If not one sample pair of shoes was processed in the way advertised, then I think it is indeed outrageous. I'd agree that reuse might be better, but then the programme should be clear that that is one possible outcome.
Here is the thing though. If all the perfectly good pairs of shoes were destroyed, the reported might have wrote an equally aggrieved piece about the shameful way these perfectly good shoes were not reused. Seems like they set up a strawman ready to be outraged no matter what Dow did.
Shipping western clothing to poor countries tends to destroy local industry.
I prefer to be able to make my own choices, not have people lie to be and then do whatever they feel is cheaper. They have to pay to properly recycle, but can just sell the old shoes. This is fraud, pure and simple. They asked for the donations of shoes under false pretenses. (There's a chance it was whatever firm they paid - but then they're just willfully incompetent.)
That's also exactly what the article mentions. The Indonesian government banned imports of second hand clothing to protect the local textile industry.
While the exporter isn't doing anything illegal in Indonesia, the Indonesian importer certainly is (according to the explanation in the article). Abetting criminal activities in a neighbouring friendly country is rarely desirable.
> Western clothing is normally what poor country industry is made of, or at least a significant part is.
While the used clothing sector provides employment to hundreds of thousands of people in less developed countries, it also damages their local textile manufacturing industry. Prices for locally produced clothes have to include both manufacturing and logistics costs, whereas the imported used clothes from Western countries are donated and can be profitably sold at much lower prices, covering only logistics.
But if they literally have free clothing, doesn't it make that local industry useless? Literally provides no value at that point. This only seems like a problem to me if people literally can't provide value in any other way. To which the solution would seem to create a new type of industry, not create an artificial need by creating a clothes penury on purpose.
In isolation, yes. It is better for the locals to get clothes for free than for local resources (whether capital or labour) to be expended to produce them locally.
But having a strong textile manufacturing industry promotes the development of other adjacent industries (e.g. dyes, chemicals) that would not be able to stand on their own initially, and can output products that are useful to more than just textile manufacturing. It easier to develop a new industry if the country already has other industries that can support its growth.
In a sense, it is like a tax on clothes, paid by the consumers, funding textile-adjacent industries, but directed by private actors rather than the government. If it pays off, other things become cheaper and potentially offset the increased cost of clothes.
It's never going to be economically viable for most poor countries to develop local clothing industries.
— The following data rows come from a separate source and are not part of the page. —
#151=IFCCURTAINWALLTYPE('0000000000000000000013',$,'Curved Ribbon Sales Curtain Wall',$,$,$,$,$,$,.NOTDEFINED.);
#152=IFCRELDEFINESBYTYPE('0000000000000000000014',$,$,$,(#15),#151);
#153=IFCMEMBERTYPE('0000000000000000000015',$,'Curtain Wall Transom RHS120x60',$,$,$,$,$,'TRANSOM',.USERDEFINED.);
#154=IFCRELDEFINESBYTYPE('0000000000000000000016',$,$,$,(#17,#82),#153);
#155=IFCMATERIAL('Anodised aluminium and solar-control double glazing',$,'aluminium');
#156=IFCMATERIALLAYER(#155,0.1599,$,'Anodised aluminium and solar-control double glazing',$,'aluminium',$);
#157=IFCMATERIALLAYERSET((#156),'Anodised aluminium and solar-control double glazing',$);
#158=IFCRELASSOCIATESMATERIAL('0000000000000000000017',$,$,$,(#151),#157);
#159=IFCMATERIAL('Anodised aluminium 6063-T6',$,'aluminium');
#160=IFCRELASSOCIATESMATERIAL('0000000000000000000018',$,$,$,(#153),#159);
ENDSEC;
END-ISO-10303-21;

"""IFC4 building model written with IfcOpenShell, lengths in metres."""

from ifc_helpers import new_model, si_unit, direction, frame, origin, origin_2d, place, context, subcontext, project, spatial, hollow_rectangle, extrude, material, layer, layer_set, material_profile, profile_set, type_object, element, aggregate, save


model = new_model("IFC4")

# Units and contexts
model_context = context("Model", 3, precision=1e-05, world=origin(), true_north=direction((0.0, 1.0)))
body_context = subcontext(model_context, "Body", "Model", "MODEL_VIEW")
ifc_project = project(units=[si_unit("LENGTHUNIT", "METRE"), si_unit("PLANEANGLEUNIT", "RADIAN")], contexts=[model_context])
Even without imports of used clothing the economies of scale in that industry are just brutal. Poor countries that want to protect local industry can impose import tariffs, but in most cases they would be better off with unrestricted free trade.
They already had local clothing industries - people in poor countries weren't walking around naked until the mid 80s when container-shipping meant offshoring trash became cheap.
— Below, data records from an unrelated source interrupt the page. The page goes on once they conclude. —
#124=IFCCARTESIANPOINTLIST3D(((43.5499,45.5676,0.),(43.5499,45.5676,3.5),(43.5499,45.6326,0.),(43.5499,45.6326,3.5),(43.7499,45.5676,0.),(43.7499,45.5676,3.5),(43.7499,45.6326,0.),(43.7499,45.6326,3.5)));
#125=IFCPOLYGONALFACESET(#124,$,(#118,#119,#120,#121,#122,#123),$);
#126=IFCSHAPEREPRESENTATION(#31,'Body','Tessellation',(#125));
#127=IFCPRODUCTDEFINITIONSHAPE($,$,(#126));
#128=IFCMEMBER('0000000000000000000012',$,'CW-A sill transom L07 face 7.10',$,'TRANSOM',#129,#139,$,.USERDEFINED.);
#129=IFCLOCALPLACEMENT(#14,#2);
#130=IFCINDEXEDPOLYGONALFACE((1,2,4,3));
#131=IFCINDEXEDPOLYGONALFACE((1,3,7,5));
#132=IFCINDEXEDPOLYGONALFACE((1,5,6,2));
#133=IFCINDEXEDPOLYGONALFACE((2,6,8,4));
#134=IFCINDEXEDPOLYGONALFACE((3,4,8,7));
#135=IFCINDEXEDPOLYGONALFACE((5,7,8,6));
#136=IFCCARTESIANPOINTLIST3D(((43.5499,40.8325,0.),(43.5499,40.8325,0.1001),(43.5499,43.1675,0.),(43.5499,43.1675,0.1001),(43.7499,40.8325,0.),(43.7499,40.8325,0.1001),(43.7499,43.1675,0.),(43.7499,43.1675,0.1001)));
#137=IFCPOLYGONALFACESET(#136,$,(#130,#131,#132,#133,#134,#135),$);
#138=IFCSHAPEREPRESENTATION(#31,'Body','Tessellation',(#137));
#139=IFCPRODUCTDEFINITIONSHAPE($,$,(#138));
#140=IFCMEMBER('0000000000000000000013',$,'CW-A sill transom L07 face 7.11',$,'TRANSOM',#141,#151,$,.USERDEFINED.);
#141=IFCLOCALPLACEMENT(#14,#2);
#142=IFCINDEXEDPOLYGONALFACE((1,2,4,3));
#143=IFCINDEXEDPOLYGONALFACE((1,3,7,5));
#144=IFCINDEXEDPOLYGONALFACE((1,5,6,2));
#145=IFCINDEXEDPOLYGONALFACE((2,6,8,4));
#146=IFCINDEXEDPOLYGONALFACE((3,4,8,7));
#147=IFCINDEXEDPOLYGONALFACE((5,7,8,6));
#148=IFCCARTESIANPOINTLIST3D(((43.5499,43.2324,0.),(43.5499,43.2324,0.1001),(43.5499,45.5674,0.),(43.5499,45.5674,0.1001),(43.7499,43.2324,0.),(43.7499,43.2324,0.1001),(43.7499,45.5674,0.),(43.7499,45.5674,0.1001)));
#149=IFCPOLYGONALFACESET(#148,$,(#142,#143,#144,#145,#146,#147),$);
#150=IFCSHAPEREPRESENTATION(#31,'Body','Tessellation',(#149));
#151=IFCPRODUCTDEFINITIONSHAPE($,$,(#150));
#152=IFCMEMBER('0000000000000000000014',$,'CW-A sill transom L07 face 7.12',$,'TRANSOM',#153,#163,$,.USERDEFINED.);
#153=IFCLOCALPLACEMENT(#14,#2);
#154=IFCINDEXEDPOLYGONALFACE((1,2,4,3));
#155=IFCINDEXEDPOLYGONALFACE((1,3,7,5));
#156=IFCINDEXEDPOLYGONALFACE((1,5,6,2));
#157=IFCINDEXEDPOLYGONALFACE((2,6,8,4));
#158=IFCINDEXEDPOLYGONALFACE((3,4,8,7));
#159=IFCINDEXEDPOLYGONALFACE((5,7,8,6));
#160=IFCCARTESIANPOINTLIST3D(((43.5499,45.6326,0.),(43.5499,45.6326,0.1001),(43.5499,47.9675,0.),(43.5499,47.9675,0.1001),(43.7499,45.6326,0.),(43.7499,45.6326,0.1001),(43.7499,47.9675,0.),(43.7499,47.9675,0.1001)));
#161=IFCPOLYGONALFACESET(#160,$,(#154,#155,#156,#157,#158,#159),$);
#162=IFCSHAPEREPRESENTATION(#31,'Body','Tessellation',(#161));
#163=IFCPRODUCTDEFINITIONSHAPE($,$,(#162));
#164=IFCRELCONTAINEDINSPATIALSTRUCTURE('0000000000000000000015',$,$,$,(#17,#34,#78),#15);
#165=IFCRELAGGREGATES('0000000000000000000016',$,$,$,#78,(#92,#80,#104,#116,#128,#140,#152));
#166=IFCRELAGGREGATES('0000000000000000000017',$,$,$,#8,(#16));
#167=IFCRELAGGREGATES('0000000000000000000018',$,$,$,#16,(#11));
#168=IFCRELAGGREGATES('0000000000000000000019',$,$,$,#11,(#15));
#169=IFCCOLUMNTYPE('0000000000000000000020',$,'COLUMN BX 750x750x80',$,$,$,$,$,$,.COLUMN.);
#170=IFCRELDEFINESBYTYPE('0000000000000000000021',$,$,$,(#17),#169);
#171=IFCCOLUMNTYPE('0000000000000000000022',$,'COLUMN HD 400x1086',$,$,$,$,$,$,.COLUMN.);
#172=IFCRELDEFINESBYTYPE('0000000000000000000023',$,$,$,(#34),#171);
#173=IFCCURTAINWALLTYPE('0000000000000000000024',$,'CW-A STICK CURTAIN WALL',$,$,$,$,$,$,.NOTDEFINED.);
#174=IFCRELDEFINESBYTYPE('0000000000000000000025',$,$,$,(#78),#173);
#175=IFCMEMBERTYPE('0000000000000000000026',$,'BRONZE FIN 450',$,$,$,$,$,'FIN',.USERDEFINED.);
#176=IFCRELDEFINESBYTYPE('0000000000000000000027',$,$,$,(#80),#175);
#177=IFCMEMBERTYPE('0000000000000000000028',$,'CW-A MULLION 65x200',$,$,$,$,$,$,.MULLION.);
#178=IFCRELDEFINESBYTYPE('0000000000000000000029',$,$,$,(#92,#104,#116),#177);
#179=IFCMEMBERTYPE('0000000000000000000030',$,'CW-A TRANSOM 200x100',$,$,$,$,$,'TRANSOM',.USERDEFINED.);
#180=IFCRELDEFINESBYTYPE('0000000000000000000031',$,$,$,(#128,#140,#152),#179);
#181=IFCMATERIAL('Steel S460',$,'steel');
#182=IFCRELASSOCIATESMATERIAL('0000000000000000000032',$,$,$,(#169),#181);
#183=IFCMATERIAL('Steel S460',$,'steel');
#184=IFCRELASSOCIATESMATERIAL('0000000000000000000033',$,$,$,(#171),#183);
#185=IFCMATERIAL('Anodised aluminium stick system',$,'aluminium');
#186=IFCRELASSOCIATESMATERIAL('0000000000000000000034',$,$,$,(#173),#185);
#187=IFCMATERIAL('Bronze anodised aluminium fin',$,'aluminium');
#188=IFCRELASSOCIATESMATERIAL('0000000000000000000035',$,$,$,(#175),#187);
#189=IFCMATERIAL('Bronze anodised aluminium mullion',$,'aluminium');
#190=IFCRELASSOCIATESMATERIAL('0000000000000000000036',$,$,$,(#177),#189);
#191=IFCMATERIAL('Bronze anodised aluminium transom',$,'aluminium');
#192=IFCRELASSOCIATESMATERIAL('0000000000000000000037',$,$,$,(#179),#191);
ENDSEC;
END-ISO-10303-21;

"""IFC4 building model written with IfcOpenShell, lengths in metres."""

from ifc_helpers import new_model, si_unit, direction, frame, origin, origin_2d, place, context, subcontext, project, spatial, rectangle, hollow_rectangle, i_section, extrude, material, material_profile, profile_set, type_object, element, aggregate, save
If this issue was isolated to shoes, and those were technically unavailable for local manufacture, then you'd probably be right. But these practices destroy all industry, leaving the people without any manufacturing base or value creation outside of cultural artifacts, and tends to keep the poor countries poor.
Most of those countries had craft clothing production, hardly anything that could be legitimately called an industry.
You haven't proposed a viable alternative. Should developed countries voluntarily stop exporting used clothing? Would that actually make people in poor countries better off?
I was explaining the problem and now not solving it is my fault.
> Should developed countries voluntarily stop exporting used clothing? Would that actually make people in poor countries better off?
Yeah, that's what the developing country said in this instance. They passed their own laws to prevent import.
And the charity promised to use the shoes for an experiment in recycling which would have brought knowledge benefits at least even if not producing a superior product. They clearly defrauded their donors regardless of Indonesian trade policies.